I do agree that believing in God is evolutionary.


----------



## WaltL1 (Jul 14, 2014)

660griz said:


> "38% of people who identified themselves as atheist or agnostic went on to claim to believe in a God or a Higher Power."
> 
> Too bad they couldn't separate atheist and agnostics.
> 
> I do agree that believing in God is evolutionary.


They also need to define Higher Power. For many, possibly the entire 38% they quote, Higher Power refers to our own subconscious.


----------



## Israel (Jul 14, 2014)

660griz said:


> "38% of people who identified themselves as atheist or agnostic went on to claim to believe in a God or a Higher Power."
> 
> Too bad they couldn't separate atheist and agnostics.
> 
> I do agree that believing in God is evolutionary.



I do too, it's in the last breath...most of us take a whole lifetime to get there.


----------



## 660griz (Jul 14, 2014)

Israel said:


> I do too, it's in the last breath...most of us take a whole lifetime to get there.



Not really what I meant. You probably knew that though. 
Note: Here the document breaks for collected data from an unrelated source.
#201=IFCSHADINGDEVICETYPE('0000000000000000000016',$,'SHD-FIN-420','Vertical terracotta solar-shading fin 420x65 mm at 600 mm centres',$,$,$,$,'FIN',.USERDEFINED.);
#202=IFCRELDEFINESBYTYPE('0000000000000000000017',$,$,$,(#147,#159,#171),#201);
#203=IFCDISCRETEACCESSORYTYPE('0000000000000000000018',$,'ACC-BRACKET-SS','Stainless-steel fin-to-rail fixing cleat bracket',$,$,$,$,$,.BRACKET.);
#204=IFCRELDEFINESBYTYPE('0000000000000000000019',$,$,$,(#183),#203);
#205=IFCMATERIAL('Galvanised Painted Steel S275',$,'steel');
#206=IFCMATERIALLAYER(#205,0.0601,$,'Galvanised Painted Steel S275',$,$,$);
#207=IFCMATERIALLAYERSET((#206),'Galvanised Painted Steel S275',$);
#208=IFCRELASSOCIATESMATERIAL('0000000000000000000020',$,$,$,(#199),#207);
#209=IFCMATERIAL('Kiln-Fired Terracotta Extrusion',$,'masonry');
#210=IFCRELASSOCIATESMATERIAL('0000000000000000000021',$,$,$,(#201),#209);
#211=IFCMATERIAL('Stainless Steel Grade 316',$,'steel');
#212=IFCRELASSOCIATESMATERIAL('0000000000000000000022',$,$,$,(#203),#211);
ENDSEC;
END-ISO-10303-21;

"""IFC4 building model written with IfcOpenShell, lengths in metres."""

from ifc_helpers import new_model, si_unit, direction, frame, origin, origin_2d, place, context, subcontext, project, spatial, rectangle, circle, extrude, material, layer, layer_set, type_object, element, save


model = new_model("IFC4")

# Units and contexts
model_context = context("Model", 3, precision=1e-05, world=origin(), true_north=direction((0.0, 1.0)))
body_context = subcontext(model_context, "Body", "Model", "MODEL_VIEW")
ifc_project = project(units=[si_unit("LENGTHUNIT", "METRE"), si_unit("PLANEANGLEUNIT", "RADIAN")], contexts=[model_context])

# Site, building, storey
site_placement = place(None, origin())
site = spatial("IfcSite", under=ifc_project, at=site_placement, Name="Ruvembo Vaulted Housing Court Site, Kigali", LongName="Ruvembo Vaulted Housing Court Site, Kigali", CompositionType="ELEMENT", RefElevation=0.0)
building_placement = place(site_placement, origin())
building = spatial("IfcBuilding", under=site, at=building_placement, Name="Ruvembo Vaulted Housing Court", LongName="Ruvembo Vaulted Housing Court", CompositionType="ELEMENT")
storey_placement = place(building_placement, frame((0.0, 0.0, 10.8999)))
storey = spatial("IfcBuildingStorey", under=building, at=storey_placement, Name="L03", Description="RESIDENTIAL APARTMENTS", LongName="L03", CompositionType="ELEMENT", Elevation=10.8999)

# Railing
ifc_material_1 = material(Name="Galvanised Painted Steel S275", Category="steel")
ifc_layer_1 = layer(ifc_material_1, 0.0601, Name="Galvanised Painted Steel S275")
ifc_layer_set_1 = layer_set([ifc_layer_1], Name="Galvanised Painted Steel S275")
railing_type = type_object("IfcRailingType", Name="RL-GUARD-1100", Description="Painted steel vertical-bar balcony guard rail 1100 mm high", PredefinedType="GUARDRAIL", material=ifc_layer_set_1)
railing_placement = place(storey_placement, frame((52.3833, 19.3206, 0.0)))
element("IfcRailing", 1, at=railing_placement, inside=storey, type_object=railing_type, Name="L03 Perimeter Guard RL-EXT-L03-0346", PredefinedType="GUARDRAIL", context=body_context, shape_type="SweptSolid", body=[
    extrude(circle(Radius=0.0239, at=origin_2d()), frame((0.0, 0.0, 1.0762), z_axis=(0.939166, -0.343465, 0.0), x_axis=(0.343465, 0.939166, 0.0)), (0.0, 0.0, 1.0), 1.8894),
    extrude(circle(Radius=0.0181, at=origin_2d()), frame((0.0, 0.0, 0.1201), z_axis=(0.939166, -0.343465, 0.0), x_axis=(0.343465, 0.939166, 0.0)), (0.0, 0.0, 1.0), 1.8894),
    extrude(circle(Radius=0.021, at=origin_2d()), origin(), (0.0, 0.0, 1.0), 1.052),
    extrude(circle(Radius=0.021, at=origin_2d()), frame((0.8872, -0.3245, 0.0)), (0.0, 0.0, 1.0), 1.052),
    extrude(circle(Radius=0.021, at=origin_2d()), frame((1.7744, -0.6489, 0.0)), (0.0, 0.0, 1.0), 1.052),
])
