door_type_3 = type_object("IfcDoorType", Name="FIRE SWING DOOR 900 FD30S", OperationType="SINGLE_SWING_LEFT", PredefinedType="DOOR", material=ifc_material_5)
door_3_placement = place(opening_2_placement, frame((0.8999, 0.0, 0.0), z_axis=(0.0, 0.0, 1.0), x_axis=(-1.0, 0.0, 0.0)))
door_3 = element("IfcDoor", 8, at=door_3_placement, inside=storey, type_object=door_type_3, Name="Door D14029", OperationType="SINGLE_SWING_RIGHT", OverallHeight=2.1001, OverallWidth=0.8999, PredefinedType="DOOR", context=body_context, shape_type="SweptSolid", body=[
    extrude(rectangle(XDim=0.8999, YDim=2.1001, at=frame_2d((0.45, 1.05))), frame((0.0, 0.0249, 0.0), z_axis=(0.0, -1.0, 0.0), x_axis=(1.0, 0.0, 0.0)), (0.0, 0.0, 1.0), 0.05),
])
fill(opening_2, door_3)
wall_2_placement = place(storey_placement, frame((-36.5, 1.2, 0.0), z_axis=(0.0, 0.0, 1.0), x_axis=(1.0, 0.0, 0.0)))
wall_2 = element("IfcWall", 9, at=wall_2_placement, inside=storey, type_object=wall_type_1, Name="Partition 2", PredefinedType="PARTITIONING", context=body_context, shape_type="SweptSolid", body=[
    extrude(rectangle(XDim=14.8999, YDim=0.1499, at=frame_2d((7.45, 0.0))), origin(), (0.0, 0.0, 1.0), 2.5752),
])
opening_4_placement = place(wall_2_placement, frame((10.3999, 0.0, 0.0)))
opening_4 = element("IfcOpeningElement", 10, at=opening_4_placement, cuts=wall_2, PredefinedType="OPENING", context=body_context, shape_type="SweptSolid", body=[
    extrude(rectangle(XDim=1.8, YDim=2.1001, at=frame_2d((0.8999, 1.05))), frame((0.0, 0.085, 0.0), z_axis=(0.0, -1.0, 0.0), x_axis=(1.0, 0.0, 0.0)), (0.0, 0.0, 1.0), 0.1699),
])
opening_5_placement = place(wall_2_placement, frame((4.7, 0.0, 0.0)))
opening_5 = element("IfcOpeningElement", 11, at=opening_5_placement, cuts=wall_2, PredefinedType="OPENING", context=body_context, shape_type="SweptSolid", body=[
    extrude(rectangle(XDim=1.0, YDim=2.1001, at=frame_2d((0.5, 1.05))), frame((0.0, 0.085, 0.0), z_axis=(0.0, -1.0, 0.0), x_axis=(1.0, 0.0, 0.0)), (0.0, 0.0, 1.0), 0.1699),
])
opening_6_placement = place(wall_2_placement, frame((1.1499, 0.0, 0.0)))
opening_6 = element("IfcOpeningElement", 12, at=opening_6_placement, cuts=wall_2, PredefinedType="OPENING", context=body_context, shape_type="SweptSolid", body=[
Religion evolved due to natural selection and had selective advantage.


----------



## Israel (Jul 14, 2014)

660griz said:


> Not really what I meant. You probably knew that though.
> 
> Religion evolved due to natural selection and had selective advantage.
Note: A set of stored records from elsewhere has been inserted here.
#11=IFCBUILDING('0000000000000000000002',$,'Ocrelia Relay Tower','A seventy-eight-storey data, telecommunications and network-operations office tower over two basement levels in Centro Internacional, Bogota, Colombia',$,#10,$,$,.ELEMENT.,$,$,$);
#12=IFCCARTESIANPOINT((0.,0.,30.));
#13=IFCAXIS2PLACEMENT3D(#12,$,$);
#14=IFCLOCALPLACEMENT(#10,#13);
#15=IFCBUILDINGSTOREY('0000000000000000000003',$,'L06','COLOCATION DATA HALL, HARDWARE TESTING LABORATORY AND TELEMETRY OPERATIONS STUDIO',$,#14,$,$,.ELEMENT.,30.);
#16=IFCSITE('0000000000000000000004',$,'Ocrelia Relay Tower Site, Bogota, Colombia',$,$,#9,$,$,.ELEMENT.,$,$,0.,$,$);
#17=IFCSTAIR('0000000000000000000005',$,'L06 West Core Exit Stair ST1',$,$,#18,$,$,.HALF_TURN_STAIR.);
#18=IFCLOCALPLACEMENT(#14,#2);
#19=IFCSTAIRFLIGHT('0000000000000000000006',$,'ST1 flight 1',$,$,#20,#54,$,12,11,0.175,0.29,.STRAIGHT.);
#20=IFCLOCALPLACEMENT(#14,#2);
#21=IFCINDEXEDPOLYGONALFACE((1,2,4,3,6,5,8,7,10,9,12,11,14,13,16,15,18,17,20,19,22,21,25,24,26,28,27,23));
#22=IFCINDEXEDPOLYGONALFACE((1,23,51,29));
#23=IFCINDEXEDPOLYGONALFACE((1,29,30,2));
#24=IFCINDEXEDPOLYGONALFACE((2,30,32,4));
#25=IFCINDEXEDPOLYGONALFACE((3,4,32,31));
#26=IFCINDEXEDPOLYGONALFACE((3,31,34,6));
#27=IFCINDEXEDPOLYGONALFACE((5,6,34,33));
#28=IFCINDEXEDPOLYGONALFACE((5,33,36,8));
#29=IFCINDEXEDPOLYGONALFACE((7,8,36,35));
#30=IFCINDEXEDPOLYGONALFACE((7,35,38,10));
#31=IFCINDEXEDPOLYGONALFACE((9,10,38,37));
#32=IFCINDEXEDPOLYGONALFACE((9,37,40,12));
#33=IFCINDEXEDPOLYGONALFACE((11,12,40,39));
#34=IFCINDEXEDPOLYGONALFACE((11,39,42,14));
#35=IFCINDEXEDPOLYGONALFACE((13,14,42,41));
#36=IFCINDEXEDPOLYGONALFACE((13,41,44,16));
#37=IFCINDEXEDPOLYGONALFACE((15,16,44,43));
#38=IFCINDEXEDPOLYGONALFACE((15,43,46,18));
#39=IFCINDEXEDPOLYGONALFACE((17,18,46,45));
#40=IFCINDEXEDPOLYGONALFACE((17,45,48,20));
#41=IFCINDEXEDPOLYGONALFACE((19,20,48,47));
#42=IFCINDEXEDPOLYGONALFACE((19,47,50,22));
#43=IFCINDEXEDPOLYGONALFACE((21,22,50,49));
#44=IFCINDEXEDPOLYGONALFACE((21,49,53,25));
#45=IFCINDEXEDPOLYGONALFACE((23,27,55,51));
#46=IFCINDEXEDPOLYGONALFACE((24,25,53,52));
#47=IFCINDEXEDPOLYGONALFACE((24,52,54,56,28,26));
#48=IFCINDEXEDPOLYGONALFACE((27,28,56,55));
What if a bunch of rag tag fisherman saw something?
Like a determinate path for man to actually believe he had surpassed the "infantile notion" of God?
And what such a man would appear as?
It's no fair...I peeked...within. 
I can tell you it's ugly...but that's for each to learn.
And discern.
I don't care much for eye shadow, anymore, myself.


----------



## 660griz (Jul 14, 2014)

Israel said:


> What if a bunch of rag tag fisherman saw something?


I am sure they did. Rag tag fishermen have been seeing stuff for thousands of years. My parents were rag tag fishermen. Always talking about seeing ghosts on the river, etc. Weird thing is THEY always saw them. 
The ghost would never appear for me. I guess I should take a hint. Ghost just don't like me.


----------



## JB0704 (Jul 14, 2014)

660griz said:


> The ghost would never appear for me. I guess I should take a hint. Ghost just don't like me.



Ga. strain black panthers don't like me either.  Everyone I hunt with has seen one, though


----------



## ddd-shooter (Jul 16, 2014)

Along with the literary analysis, I was intrigued by this statement "“It’s clearly the case that the future will involve an increase in religious populations and a decrease in scepticism,”


----------



## drippin' rock (Jul 17, 2014)

ddd-shooter said:


> Along with the literary analysis, I was intrigued by this statement "“It’s clearly the case that the future will involve an increase in religious populations and a decrease in scepticism,”



One thing this article does not do is separate the belief in karma with The belief in Jesus.  When these polls ask if you believe in God or a higher power, they count the "Uh...... I guess??" Crowd with the "ABSOLUTELY!!" Crowd.  I think there should be a distinction between the two.


----------